Of course, as their friends pointed out, it wasn't as if they had had a home of their own. Luckily for them—unluckily for the Annesley-Setons—they had taken the Portman Square house only month by month. And in Devonshire they had been but paying—dearly paying!—guests, as the world surmised.

Everyone protested that they would be dreadfully missed, and begged to know their plans, and whether Mr. Nelson Smith's business on the other side (something to do with mines, wasn't it?) would not be finished, so that they might come back in time for Henley and Cowes?

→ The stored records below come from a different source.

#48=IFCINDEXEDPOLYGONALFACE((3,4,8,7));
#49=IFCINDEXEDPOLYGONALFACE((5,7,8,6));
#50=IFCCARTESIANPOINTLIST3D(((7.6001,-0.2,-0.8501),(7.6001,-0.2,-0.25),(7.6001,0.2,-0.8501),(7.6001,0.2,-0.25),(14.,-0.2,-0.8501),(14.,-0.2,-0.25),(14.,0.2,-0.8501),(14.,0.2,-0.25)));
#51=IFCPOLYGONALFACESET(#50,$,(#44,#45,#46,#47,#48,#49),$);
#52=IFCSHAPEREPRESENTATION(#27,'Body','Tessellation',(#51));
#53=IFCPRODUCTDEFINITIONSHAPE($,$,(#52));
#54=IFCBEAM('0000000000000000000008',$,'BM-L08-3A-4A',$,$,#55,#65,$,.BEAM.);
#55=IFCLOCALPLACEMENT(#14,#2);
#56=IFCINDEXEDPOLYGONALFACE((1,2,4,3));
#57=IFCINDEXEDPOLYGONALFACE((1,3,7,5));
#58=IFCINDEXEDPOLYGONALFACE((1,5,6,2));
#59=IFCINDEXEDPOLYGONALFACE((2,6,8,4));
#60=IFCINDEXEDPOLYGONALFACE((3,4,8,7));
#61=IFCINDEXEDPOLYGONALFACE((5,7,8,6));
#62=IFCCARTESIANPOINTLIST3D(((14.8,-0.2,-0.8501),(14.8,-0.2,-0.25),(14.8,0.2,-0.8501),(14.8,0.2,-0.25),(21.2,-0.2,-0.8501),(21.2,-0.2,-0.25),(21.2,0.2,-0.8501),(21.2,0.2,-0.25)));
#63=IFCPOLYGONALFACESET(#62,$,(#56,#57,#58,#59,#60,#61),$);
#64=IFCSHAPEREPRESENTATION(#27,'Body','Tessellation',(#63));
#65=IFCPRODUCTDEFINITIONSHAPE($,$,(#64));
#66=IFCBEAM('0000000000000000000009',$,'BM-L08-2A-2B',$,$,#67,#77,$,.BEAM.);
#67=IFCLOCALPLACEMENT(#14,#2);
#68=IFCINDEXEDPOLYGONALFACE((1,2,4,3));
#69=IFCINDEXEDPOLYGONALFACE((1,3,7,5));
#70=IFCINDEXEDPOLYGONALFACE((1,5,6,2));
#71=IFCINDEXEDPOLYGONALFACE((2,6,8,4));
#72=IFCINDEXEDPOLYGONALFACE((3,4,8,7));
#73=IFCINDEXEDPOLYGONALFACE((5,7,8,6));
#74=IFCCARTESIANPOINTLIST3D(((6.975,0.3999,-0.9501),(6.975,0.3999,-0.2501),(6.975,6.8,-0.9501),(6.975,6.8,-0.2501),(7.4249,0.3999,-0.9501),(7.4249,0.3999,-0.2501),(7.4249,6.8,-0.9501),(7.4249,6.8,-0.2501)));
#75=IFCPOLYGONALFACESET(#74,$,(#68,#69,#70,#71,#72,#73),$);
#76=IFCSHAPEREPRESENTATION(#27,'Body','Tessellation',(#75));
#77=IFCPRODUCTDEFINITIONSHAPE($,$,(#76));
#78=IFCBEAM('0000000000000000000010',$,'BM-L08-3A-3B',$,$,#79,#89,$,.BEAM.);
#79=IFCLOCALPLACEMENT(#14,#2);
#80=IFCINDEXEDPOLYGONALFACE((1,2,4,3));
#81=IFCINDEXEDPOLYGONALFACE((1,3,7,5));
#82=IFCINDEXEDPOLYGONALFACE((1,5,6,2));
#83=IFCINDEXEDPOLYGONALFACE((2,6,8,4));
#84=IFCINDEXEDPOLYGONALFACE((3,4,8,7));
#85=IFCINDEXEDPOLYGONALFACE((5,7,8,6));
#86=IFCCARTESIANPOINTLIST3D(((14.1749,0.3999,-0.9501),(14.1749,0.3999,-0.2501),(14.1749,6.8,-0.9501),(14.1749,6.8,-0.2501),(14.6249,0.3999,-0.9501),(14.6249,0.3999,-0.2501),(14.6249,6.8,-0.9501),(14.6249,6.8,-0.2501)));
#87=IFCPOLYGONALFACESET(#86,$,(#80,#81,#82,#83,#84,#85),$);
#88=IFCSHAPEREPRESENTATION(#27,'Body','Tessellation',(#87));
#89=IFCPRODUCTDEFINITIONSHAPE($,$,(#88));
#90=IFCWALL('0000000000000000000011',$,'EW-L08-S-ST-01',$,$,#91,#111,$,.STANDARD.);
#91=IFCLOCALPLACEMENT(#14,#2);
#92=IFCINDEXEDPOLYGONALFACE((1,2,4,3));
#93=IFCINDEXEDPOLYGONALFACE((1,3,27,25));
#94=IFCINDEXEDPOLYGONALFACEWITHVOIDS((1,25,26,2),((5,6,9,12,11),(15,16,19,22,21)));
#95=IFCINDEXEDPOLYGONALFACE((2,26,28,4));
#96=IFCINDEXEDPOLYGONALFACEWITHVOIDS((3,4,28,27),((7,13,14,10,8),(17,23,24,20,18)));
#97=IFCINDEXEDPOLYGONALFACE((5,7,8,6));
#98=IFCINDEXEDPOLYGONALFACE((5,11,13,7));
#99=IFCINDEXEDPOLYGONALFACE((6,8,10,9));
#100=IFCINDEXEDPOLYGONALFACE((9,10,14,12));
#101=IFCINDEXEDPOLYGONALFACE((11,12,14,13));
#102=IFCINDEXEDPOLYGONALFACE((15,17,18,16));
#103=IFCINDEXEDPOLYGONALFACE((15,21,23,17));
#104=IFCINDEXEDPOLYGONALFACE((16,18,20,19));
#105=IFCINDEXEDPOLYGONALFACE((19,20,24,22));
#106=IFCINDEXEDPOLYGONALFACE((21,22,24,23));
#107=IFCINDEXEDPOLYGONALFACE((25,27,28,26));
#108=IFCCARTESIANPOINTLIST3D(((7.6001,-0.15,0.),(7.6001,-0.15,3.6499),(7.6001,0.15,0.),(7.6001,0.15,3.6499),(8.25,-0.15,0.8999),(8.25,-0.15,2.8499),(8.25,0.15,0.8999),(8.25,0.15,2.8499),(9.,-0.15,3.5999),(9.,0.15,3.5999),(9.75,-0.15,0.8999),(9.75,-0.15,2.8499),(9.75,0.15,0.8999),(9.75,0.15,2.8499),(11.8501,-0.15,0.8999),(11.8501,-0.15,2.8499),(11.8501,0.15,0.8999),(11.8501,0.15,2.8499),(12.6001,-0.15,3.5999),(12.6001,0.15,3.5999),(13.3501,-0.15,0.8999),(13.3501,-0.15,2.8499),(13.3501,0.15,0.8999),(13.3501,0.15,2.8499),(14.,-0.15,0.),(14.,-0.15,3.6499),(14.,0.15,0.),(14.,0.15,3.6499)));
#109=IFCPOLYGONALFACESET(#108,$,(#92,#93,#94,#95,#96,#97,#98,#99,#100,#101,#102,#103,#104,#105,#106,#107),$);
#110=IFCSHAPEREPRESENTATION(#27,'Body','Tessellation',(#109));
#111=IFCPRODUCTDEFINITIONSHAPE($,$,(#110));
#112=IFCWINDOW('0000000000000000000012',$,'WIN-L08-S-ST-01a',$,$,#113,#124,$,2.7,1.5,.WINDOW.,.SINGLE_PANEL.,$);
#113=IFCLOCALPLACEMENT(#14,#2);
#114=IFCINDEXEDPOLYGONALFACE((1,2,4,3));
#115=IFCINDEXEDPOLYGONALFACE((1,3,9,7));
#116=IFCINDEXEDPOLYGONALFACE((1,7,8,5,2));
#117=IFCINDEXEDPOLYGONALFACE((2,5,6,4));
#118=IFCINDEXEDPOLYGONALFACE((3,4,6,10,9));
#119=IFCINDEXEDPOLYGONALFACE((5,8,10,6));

But the American millionaire's answers were vague. He couldn't tell. He could only hope. And his manner, unflatteringly, was indifferent. It was Mrs. Nelson Smith who seemed depressed; "a changed girl," Constance said, "from the moment that cable message arrived at Valley House."

Connie thought, and mentioned her thought to others: very likely the truth was that Nelson Smith had lost money. In contradiction to this theory he was known to have given generously to charities just before starting; not those queer, new-fangled societies he had tried to bolster up while he was in London, but hospitals and orphan asylums, and organizations of that sort which opened their mouths wide.

Still, nobody could say for a certainty how much he gave, and it was argued that Lady Annesley-Seton was sure to know more than most people about Nelson Smith's private affairs. The story of possible money losses ran about and grew rapidly, healing regrets for his absence. Soon the pair dropped out of their late friends' conversation as a subject of living interest.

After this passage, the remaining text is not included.